In the statistical analysis the authors stat that:

We used single imputation with the expectation maximation algorithm for individual missing items on questionnaires and performance tests, with scores from the same timepoint as predictors.

Should the authors tell readers that what kind of distributions they assumed for the single imputation? otherwise there can be many different results for imputed data (from different distributions) I think.

Thank you very much.

Without more details about what they assumed, you couldn't reproduce what they did, so in that sense at least (i.e. for their work to be reproducible) then you'd need to know information like the assumed model, yes.

Whether that constitutes a "should" is really dependent on what normative criteria we're applying (are we addressing the editorial standards of the journal as our criterion for 'should', for example?).

From your quote it sounds like they might have applied some kind of regression model for their imputation, but that's not very precise.

• I think "single imputation with the expectation maximation algorithm" is really confusing me. Jul 14 '15 at 3:43
• Filling in (imputing) one or more missing values once and in effect treating them as data after that (thereby ignoring their uncertainty), compare multiple imputation. Jul 14 '15 at 3:49

Yes, they should have. As Glen_b has noted, it is difficult if not impossible to actually reproduce their analysis based on the vague description of how they performed their imputation. My guess is that the distribution they used is a multivariate normal distribution, but that is just that - a guess.

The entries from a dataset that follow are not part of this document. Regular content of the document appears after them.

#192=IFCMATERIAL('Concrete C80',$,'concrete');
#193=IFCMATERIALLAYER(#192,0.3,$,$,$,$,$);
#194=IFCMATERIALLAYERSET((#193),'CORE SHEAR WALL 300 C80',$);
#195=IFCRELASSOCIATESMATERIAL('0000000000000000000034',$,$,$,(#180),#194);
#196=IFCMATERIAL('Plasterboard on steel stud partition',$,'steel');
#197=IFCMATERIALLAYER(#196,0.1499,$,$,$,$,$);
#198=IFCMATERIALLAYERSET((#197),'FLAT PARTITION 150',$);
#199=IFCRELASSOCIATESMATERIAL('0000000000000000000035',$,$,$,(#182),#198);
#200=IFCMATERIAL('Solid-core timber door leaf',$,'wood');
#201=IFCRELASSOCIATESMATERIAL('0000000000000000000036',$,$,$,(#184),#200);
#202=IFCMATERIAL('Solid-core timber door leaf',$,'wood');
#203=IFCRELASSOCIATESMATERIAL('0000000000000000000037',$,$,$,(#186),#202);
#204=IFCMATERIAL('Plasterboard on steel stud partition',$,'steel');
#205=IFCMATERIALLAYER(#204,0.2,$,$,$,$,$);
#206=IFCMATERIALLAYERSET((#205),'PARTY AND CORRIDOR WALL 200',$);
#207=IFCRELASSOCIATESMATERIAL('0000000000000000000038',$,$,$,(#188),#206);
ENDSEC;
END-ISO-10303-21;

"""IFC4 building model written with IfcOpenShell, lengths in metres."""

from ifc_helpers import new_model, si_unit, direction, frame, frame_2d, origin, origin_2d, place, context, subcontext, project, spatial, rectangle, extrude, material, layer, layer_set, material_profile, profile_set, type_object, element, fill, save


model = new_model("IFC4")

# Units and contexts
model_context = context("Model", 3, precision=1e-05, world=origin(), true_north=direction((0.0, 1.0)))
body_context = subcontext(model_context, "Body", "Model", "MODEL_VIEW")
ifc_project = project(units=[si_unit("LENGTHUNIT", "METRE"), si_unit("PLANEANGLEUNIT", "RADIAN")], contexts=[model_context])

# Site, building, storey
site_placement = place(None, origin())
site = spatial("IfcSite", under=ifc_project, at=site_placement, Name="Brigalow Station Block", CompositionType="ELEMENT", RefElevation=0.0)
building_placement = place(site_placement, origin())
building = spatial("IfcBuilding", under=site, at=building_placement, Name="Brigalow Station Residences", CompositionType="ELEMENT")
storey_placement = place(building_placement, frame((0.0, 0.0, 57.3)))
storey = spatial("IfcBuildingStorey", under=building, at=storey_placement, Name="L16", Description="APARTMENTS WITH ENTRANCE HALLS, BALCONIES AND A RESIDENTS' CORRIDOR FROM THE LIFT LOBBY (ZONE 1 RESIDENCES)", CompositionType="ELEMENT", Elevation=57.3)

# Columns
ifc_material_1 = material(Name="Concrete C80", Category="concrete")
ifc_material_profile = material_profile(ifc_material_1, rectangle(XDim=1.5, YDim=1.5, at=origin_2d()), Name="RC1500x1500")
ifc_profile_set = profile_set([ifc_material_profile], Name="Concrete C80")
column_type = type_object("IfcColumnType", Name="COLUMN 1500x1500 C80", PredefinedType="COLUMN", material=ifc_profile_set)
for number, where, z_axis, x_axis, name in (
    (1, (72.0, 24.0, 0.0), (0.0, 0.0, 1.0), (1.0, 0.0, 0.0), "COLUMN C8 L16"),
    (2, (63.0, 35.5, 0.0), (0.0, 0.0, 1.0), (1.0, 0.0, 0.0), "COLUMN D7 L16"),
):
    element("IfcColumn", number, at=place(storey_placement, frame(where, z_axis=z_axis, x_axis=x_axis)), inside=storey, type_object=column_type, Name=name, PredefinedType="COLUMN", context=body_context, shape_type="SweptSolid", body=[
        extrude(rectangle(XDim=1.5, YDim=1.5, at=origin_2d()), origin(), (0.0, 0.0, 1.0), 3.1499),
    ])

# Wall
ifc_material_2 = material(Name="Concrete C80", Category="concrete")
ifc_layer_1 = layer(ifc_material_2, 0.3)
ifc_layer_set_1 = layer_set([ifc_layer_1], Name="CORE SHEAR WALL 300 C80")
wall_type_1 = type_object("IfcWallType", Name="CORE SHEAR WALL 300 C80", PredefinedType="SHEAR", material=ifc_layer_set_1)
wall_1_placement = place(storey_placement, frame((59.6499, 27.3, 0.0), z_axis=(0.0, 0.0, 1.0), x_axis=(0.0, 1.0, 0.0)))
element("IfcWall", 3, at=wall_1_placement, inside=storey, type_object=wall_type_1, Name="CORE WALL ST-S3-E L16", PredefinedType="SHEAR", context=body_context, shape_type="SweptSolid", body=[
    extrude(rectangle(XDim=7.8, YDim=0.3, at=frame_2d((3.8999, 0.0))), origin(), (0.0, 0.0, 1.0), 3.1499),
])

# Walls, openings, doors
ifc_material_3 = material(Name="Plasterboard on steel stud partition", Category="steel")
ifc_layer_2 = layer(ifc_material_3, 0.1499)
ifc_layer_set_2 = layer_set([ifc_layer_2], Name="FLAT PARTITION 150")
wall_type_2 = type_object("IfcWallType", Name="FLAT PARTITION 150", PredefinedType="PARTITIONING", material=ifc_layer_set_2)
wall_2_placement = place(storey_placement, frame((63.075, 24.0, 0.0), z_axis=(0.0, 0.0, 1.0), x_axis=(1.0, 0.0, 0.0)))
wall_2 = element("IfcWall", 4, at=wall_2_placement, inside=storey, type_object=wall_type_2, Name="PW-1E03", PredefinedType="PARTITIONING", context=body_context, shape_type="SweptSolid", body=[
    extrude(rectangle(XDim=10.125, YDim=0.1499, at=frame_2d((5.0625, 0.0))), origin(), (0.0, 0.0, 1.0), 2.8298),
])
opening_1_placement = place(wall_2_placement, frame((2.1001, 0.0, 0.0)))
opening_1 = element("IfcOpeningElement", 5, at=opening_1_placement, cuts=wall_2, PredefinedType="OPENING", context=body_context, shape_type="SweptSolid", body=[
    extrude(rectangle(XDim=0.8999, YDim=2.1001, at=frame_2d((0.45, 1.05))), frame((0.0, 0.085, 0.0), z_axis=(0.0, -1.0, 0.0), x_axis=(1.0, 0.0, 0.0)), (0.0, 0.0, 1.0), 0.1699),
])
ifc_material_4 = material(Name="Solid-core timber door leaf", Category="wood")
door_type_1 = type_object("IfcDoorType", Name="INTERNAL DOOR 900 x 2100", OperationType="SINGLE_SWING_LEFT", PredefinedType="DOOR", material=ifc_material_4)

However, it is absolutely something they can get away with in the field. While the paper is a few years old, Klebanoff and Cole published an analysis in the American Journal of Epidemiology looking at the data included in that journal as well as Epidemiology, International Journal of Epidemiology and Annals of Epidemiology, which might be considered some of the more methodologically sophisticated journals in the field, and found very few papers gave a full reporting of what they did. Part of their conclusion:

Authors who utilize multiple imputation or a similar method should state the fraction or number of observations deleted from the unimputed analysis because of missing data and the fraction or number recovered by imputation. The variables used to impute missing data should be stated. Revealing the set of variables upon which the missing-at-random assumption rests is akin to revealing the set of confounders upon which the assumption of no unmeasured confounding rests. We were surprised that eight of the 12 papers using multiple imputation stated the number of data sets imputed, while only seven stated the variables used to perform the imputations. Finally, we suggest that authors provide primary results from their imputed and complete case analyses, along with the corresponding confidence intervals. We understand that the few investigators routinely incorporating these procedures might view this recommendation as a “step backward” in methodological sophistication. However, we see this suggestion as lending a bridge between current and future practice.